Yizhou: I'm sure that they are going to have management interfaces (all equivalent does). This about what happens before it is enroled. The Mgmt interface still needs to make a DHCP request. This happens are the L2 loop free topology has been built up. Hence, doing it step by step.
Michael: If it works now, why change it? We created ACP so that we don't need to do that. I.e., we can onboard devices even if they don't have L2 or L3 connectivity. If L2 works then you can DHCP, so I don't know why you need ACP. I don't find this example credible. It looks like you are trying to do L2 tricks rather than then do L3. What is going to happen to these devices? Sounds like a people management problem rather than a network management problem.
Toerless: Can we take this on to the next part of the converstation?

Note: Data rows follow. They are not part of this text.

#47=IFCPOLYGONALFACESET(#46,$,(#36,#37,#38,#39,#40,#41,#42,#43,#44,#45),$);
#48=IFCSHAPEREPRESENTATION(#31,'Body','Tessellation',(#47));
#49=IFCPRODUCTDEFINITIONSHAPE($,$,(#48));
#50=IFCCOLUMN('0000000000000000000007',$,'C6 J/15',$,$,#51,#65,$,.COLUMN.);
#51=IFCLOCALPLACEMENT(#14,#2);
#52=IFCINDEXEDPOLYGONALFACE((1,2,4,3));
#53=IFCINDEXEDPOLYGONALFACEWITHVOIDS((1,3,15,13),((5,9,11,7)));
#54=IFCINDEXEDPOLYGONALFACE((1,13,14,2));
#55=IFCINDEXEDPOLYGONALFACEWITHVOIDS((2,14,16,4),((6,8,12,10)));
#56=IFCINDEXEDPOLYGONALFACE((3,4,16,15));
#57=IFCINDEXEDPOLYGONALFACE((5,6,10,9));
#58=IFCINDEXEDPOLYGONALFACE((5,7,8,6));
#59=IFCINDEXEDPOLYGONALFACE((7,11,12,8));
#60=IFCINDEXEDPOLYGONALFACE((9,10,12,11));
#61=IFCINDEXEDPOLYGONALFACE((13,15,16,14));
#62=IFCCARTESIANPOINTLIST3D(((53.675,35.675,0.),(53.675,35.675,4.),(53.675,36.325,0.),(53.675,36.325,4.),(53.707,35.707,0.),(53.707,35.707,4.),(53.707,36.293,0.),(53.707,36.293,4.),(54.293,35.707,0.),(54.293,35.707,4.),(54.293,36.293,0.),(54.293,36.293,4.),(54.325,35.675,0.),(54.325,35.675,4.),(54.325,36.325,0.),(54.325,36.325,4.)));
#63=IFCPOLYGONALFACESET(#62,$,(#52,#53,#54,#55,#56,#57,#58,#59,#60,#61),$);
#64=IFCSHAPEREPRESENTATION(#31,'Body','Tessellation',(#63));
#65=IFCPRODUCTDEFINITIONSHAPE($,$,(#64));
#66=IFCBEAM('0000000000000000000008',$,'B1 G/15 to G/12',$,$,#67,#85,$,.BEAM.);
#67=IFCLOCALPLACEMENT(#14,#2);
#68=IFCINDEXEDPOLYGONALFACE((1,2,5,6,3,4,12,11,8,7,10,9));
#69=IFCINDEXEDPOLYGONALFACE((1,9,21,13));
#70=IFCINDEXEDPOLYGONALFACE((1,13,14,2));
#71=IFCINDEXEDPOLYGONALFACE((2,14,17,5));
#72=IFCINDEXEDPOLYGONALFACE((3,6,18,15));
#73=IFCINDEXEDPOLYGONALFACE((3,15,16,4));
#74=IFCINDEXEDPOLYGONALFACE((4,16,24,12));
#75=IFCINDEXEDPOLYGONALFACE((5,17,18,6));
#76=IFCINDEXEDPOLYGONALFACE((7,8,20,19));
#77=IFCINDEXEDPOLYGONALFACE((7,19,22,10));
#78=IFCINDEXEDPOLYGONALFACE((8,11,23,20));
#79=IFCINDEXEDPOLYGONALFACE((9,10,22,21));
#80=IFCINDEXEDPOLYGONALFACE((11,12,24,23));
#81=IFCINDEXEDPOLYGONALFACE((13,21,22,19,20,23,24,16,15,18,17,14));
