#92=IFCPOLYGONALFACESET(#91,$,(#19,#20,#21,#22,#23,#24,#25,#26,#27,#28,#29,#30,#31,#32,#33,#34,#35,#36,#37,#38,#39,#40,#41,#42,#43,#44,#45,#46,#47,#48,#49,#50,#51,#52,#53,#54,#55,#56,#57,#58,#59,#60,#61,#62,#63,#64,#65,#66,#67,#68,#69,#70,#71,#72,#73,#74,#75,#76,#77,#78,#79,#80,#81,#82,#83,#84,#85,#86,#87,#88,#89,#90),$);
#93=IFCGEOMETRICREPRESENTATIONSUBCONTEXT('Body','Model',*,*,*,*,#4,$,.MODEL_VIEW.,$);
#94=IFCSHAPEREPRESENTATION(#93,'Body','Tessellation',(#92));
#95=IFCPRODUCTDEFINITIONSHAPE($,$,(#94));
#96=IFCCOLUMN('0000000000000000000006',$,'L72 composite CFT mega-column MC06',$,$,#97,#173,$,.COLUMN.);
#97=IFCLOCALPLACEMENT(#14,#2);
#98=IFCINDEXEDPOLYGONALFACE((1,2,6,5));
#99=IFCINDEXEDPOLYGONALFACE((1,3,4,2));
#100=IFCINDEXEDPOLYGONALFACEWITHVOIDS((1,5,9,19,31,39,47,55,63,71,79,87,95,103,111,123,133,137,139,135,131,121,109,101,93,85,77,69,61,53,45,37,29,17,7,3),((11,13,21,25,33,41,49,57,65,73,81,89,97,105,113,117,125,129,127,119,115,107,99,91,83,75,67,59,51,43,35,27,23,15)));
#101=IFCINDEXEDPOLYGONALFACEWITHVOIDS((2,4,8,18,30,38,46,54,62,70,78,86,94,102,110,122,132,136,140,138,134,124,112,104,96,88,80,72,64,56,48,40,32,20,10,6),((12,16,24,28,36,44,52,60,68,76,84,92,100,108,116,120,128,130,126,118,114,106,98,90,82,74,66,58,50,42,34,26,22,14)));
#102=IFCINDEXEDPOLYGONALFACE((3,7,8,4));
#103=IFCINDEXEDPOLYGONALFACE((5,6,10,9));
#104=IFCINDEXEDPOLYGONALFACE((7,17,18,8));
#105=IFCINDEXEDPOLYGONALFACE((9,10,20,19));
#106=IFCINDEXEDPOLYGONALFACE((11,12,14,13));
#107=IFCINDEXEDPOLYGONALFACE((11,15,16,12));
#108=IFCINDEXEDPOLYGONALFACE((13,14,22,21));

Prior slot new work and pre-existing work:
https://datatracker.ietf.org/doc/draft-richardson-anima-l2-friendly-acp/
Lead by: Michael Richardson, Zhou Yujin, Toerless Eckert
Time: 11:35 20 minutes
No slides planned
TE: ACP might be slow if there is no L3 hardware
MCR: MACsec?
L2 mechanism to transport data.
Doesn't require discovery or GRASP at L2.
MCR asks why this implies DULL/GRASP at L2, vs just forwarding L2 frames.

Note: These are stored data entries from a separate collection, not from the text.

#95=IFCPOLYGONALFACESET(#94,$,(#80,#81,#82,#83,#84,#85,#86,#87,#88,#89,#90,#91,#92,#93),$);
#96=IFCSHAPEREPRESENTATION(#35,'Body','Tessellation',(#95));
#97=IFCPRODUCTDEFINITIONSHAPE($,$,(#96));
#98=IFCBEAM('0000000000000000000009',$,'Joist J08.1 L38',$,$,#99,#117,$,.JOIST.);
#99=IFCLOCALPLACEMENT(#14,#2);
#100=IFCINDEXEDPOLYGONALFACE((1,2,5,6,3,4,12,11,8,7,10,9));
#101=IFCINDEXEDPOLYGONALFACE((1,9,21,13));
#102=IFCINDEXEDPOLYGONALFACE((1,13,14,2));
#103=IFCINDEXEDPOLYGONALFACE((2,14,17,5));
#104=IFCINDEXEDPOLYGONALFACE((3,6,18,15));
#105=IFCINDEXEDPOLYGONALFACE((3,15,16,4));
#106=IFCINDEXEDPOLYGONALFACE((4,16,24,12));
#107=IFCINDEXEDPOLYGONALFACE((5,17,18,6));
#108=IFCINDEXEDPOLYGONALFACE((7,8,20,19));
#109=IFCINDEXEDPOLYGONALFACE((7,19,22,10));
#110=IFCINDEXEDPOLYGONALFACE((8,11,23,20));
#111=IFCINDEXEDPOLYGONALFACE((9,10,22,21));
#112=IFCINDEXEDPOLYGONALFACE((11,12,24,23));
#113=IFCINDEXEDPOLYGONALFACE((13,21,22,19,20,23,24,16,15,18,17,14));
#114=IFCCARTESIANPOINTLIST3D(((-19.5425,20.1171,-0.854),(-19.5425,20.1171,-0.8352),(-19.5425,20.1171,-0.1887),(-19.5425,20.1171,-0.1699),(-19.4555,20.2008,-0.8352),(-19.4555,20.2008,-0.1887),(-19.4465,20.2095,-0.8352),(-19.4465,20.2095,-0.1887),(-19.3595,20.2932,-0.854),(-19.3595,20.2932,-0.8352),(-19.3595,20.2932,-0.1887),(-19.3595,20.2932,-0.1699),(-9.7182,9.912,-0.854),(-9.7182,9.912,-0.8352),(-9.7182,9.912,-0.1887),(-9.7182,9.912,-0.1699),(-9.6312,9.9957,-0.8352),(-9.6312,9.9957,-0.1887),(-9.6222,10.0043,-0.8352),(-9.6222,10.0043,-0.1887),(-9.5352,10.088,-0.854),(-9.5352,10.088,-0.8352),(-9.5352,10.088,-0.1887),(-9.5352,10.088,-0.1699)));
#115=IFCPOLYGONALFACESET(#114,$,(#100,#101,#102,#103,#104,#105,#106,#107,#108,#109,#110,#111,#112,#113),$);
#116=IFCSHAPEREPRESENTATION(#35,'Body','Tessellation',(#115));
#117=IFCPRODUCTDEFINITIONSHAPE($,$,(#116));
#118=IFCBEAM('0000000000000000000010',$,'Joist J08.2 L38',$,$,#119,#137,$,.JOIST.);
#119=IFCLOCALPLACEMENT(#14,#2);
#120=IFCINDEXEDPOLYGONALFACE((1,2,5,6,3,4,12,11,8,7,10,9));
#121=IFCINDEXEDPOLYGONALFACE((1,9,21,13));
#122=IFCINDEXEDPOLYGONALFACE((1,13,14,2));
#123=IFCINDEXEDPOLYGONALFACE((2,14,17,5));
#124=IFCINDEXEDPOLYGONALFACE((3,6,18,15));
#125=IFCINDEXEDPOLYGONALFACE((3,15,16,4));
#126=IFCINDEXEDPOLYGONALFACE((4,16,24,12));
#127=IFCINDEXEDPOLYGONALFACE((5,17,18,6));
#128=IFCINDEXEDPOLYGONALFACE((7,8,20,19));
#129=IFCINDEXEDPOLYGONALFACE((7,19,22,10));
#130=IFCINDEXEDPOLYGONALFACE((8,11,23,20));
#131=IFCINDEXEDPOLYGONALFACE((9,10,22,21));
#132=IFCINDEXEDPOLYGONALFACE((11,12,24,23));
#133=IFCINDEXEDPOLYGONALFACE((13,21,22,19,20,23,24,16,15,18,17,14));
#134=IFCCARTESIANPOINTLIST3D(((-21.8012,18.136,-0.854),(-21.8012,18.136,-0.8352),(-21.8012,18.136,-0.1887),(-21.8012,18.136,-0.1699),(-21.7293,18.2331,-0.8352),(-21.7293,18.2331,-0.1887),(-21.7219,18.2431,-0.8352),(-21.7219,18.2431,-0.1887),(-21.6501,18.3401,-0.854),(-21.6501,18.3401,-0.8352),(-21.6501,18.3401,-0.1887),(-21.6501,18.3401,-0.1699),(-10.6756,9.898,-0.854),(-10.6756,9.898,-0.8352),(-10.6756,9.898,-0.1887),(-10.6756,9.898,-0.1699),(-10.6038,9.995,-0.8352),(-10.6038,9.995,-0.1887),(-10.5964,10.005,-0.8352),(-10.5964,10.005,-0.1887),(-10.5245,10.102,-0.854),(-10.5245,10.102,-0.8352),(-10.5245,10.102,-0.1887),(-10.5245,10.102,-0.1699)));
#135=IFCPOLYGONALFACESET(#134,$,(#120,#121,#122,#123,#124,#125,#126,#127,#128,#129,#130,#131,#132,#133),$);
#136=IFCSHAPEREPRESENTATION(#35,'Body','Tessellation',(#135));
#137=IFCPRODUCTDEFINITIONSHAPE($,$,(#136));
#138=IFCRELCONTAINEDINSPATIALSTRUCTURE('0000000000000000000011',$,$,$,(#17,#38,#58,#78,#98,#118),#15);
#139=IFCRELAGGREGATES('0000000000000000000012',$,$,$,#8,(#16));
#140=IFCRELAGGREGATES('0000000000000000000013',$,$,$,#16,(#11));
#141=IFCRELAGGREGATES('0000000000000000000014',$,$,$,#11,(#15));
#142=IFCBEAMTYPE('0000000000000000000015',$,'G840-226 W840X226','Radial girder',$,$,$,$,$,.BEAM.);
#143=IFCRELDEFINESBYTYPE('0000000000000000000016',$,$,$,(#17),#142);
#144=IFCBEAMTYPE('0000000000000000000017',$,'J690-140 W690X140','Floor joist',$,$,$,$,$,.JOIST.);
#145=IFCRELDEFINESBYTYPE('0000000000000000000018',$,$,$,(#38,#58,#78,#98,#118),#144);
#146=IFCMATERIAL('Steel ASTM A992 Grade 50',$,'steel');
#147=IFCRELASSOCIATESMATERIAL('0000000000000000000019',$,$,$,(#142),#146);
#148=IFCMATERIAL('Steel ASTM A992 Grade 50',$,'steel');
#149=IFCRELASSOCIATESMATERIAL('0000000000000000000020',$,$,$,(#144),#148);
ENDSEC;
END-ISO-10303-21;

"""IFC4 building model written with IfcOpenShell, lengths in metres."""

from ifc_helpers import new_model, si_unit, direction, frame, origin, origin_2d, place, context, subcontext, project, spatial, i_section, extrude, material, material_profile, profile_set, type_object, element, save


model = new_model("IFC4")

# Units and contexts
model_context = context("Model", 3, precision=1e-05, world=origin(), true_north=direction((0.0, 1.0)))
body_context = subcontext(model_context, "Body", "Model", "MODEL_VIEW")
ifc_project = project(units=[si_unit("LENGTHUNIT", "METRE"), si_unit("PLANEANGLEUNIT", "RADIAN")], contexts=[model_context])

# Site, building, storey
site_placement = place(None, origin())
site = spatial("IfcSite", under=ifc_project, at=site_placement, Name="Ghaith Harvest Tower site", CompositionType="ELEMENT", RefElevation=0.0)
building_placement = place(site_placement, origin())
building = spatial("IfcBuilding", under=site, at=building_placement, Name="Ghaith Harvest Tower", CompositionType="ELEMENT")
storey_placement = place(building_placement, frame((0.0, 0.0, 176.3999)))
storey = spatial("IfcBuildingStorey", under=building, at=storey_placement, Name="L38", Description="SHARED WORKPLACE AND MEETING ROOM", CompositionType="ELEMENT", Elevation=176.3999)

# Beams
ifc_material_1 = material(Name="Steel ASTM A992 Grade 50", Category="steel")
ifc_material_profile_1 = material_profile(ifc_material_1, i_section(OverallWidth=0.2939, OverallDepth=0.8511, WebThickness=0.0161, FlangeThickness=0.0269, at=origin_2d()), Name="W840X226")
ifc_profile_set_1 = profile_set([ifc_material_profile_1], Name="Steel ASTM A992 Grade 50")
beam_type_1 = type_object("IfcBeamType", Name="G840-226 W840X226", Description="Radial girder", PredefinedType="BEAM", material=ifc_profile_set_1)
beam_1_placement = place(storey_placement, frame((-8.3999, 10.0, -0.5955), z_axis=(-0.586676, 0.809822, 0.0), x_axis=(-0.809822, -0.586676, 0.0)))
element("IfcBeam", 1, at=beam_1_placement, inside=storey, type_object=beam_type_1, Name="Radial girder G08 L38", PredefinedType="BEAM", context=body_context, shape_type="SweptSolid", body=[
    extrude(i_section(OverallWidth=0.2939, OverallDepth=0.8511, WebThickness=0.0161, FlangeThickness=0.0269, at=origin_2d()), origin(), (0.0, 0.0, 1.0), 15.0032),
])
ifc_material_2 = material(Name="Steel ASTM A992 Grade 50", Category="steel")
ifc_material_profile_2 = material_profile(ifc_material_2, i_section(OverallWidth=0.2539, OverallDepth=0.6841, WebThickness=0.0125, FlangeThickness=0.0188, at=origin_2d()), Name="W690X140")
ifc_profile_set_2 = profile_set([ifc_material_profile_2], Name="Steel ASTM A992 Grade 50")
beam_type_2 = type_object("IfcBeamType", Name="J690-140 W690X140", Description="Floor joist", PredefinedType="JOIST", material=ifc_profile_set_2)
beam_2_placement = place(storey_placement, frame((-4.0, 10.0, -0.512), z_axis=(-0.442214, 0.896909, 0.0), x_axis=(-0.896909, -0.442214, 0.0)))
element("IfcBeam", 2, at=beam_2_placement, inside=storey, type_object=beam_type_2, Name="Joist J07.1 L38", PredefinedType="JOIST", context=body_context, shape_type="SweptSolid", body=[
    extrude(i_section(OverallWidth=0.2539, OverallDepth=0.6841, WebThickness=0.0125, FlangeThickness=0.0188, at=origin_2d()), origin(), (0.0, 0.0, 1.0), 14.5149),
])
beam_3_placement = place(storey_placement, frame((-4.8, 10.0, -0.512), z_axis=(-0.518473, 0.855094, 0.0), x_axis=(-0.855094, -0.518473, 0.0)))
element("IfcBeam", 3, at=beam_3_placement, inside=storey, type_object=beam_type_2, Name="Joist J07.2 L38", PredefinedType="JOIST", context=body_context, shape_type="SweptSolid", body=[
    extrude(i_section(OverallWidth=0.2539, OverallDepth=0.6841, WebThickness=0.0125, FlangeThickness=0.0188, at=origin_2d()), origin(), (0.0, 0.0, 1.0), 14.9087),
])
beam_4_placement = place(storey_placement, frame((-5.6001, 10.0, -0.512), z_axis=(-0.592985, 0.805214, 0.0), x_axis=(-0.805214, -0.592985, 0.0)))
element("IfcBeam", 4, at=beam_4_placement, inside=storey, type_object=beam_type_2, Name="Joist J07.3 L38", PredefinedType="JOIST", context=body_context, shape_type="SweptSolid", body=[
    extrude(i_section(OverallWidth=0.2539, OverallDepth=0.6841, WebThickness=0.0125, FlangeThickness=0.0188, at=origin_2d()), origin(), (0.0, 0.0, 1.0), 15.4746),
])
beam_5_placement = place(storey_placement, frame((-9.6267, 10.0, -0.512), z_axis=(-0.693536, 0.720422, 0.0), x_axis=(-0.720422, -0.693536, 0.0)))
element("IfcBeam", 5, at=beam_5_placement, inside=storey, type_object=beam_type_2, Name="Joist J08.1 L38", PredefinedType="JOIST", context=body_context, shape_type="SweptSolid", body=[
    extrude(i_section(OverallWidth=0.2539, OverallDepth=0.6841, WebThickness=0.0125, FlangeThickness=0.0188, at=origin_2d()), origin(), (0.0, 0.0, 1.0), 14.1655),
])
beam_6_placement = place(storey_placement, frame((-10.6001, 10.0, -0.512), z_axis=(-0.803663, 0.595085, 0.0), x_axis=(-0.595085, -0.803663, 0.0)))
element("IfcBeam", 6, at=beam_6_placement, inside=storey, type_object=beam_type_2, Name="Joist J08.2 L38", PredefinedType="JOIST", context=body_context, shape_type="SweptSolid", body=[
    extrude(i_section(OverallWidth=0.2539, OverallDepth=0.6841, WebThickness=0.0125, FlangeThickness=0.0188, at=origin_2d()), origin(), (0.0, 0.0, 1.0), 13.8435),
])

TE: the control plane CPUs would be hosts on this L2 "VPN"/ "VLAN"
Michael: Is this just GRASP over a new transport?
TE: Crypto could still be IPsec, P2P from core router to on-link devices (via VLAN and STP L2)
Michael: Over that STP VLAN?
TE: Do we need any new cypto. Like MACsec due to these joint L2/L3 switches that can do it in hardware and that is faster than doing IP Sec in software. Problem is MACsec isn't in all switches, only high end switches.
Michael: Does it matter if IPsec is being done in software. Still concerned about spanning tree. Spanning tree for VOIP is a disaster. Need to use OSPF or IS-IS.
TE: Lots of service provider networks are using L2 access networks, so sometimes do have
Michael: Quick a lot of VoIP customers own access networks so that they don't tolerate delays. STP might be off for other reasons and don't want to turn it for this scenario. Until the devices are connected in.
TE: ???
Michael: I think that you are going to have L3 anyway. Realized that we could L2 discovery over LLDP. But after that the traffic would be unicast host/host. (Need to turn off ND)
TE: There is an ACP use case for L2 switches.
Michael: What is the conclusion?
TE: Need to find time a proposal for the L2ACP case.